VAIO Pocketが再生できるのは、ATRAC3PlusとATRAC3SonicStageで再生できるのは、それに加えてMP3・WAV・WMAATRAC以外はVAIO Pocketへの転送時に変換される。当然変換には余分に時間がかかる。
SonicStageエンコードできるビットレートは、ATRAC3Plusで48・64・256kbps。ATRAC3で66・105・132kbps。

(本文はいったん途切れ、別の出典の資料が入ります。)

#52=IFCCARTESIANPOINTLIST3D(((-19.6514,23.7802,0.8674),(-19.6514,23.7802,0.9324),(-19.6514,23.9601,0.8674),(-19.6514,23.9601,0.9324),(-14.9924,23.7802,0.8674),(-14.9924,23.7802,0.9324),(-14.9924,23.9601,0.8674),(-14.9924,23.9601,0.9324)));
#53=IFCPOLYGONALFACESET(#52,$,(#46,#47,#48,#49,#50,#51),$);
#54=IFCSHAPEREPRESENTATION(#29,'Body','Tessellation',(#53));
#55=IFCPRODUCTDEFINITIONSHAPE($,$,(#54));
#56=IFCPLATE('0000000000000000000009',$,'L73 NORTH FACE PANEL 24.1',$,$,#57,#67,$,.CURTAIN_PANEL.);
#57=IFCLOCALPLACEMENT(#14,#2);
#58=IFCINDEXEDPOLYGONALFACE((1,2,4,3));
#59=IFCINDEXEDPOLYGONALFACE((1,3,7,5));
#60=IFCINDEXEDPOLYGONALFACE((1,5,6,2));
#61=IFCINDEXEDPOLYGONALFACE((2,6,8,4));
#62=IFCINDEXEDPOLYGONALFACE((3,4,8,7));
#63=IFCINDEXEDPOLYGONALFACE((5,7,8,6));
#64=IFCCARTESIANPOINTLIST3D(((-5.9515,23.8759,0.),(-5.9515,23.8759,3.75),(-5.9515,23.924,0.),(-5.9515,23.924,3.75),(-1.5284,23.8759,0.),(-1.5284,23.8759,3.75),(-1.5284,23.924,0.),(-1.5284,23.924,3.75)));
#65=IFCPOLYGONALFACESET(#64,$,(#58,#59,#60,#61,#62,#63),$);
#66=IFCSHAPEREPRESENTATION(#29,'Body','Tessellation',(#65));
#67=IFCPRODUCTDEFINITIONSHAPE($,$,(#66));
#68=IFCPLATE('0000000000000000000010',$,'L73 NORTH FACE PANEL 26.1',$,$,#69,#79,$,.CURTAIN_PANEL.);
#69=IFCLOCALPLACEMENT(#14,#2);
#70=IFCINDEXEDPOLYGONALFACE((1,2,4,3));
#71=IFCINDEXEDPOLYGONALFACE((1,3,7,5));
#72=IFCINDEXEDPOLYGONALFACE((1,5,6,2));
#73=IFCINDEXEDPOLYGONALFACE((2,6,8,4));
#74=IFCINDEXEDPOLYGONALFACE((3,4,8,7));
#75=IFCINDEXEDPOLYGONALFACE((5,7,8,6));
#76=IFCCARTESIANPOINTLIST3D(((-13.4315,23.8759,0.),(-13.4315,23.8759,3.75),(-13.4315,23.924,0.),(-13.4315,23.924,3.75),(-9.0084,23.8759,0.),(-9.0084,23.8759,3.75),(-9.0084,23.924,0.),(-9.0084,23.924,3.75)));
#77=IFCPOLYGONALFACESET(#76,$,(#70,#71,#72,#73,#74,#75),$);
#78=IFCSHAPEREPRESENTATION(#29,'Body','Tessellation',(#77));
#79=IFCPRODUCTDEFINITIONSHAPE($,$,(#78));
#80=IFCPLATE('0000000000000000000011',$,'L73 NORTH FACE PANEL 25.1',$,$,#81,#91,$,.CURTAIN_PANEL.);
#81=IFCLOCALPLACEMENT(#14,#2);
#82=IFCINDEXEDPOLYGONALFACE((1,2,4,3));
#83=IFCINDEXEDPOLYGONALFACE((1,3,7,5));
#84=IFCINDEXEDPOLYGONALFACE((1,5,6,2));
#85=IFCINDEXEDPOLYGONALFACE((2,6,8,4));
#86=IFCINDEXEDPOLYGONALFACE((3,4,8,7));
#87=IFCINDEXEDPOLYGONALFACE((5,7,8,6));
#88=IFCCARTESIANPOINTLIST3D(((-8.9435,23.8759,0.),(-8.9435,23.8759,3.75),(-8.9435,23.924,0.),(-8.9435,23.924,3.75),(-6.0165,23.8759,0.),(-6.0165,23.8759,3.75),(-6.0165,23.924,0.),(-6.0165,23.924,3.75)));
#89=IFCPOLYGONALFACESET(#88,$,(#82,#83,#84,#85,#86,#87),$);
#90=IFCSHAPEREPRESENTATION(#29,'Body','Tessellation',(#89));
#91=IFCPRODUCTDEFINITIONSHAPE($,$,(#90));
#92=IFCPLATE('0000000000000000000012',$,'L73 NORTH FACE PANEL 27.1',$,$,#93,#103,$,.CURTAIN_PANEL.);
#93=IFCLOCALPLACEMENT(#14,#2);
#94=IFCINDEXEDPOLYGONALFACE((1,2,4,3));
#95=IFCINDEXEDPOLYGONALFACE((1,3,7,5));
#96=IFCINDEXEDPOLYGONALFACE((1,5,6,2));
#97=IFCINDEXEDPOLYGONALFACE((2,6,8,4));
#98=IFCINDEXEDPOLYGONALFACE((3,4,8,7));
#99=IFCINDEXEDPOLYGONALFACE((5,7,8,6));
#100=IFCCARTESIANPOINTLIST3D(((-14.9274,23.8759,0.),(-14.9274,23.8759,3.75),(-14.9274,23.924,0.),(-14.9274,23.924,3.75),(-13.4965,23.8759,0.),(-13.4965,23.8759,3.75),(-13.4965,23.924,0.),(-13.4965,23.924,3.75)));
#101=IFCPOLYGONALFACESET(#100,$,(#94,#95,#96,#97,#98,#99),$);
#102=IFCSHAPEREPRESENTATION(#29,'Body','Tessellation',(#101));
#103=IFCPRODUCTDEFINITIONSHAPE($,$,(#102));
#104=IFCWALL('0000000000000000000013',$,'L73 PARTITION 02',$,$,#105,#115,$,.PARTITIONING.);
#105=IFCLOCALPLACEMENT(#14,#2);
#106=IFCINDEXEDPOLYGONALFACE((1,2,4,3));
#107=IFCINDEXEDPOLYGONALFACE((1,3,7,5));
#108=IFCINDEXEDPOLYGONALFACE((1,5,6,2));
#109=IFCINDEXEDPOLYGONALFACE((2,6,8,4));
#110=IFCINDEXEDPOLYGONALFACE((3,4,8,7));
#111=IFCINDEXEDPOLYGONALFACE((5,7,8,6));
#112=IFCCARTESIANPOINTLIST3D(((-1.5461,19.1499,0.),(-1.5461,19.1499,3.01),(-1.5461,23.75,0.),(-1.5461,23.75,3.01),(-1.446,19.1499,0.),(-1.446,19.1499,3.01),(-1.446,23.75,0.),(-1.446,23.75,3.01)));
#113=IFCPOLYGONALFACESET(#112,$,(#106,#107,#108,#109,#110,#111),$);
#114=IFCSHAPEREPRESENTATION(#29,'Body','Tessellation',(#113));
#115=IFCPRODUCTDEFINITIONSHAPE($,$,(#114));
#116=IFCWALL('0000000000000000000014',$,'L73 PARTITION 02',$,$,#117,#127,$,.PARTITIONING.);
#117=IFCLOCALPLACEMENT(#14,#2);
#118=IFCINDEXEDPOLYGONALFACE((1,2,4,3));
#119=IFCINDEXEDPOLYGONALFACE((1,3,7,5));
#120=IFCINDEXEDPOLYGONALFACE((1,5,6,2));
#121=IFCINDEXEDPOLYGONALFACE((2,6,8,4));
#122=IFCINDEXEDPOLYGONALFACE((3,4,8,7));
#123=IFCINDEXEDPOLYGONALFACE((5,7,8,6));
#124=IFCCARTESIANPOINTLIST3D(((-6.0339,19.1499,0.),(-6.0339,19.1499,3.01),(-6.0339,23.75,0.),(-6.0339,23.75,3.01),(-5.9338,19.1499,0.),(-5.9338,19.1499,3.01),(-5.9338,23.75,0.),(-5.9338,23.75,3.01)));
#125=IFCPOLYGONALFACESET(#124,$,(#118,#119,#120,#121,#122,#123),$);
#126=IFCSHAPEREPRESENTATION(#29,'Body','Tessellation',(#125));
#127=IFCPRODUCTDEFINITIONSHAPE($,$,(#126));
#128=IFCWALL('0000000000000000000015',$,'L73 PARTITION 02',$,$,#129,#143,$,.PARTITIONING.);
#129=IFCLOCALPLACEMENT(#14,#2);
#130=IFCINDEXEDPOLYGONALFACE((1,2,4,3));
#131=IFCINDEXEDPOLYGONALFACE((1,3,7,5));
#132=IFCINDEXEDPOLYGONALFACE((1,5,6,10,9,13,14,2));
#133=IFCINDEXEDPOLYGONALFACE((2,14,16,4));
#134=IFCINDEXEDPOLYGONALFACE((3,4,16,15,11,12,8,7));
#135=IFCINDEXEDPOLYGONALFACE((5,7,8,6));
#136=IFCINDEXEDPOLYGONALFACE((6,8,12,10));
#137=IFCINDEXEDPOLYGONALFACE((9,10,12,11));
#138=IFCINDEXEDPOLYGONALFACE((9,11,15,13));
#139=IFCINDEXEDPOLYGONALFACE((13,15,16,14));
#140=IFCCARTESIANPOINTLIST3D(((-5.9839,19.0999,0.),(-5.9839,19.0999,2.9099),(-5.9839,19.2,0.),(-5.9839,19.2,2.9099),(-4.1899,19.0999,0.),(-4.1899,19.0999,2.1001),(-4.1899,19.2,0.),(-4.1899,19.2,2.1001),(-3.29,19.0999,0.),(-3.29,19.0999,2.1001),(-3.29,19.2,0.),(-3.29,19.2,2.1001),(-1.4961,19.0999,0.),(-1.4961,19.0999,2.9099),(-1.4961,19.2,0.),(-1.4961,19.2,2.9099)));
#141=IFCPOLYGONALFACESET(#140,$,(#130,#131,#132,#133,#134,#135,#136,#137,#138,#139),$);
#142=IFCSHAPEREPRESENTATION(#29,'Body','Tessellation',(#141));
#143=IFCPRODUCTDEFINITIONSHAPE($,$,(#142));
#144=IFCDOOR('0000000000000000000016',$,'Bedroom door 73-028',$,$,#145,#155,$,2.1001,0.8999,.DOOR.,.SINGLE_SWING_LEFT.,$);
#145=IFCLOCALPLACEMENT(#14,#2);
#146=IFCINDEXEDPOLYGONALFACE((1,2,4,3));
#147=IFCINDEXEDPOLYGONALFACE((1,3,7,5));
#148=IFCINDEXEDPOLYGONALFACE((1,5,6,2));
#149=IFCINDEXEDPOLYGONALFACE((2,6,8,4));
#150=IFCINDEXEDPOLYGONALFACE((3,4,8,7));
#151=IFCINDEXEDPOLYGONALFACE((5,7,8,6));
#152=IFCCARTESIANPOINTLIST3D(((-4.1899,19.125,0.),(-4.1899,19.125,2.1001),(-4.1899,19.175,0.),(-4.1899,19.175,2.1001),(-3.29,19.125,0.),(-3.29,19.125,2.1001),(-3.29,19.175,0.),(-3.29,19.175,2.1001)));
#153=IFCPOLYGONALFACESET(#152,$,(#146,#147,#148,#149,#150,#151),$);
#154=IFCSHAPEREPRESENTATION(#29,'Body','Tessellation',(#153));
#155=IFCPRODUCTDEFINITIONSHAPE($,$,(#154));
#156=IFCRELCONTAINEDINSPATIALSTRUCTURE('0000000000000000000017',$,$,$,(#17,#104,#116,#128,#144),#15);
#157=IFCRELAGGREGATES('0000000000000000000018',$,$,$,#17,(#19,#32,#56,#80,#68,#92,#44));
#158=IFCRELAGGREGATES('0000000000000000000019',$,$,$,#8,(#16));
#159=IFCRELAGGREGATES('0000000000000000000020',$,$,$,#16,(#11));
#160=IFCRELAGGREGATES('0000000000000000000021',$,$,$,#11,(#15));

ATRAC3Plusの方が新しいフォーマットなので、こちらを使いたかったが、64kbpsでは音がスカスカして聞くに堪えない。かといって256kbpsでは大きすぎる。しょうがないので、ATRAC3の132kbpsを使っていた。このビットレートのラインアップは理解に苦しむ。

  • デジカメとの接続機能

使用したことがない。必要ない。

  • キャリングケース(オプション)

キャリングケースとハンドストラップのセット。CMで使っているネックストラップは含まれていない。ネックストラップがほしくて、間違って購入してしまったもの。

  • 総括

使いにくいと感じる部分は、ほとんどソフトウェアに起因している。ファームウェアのアップデートなどで改善できるだろうが、不具合ではないので、そのような対応はないと考えられる。
仕方ないので売却した。高い授業料であった。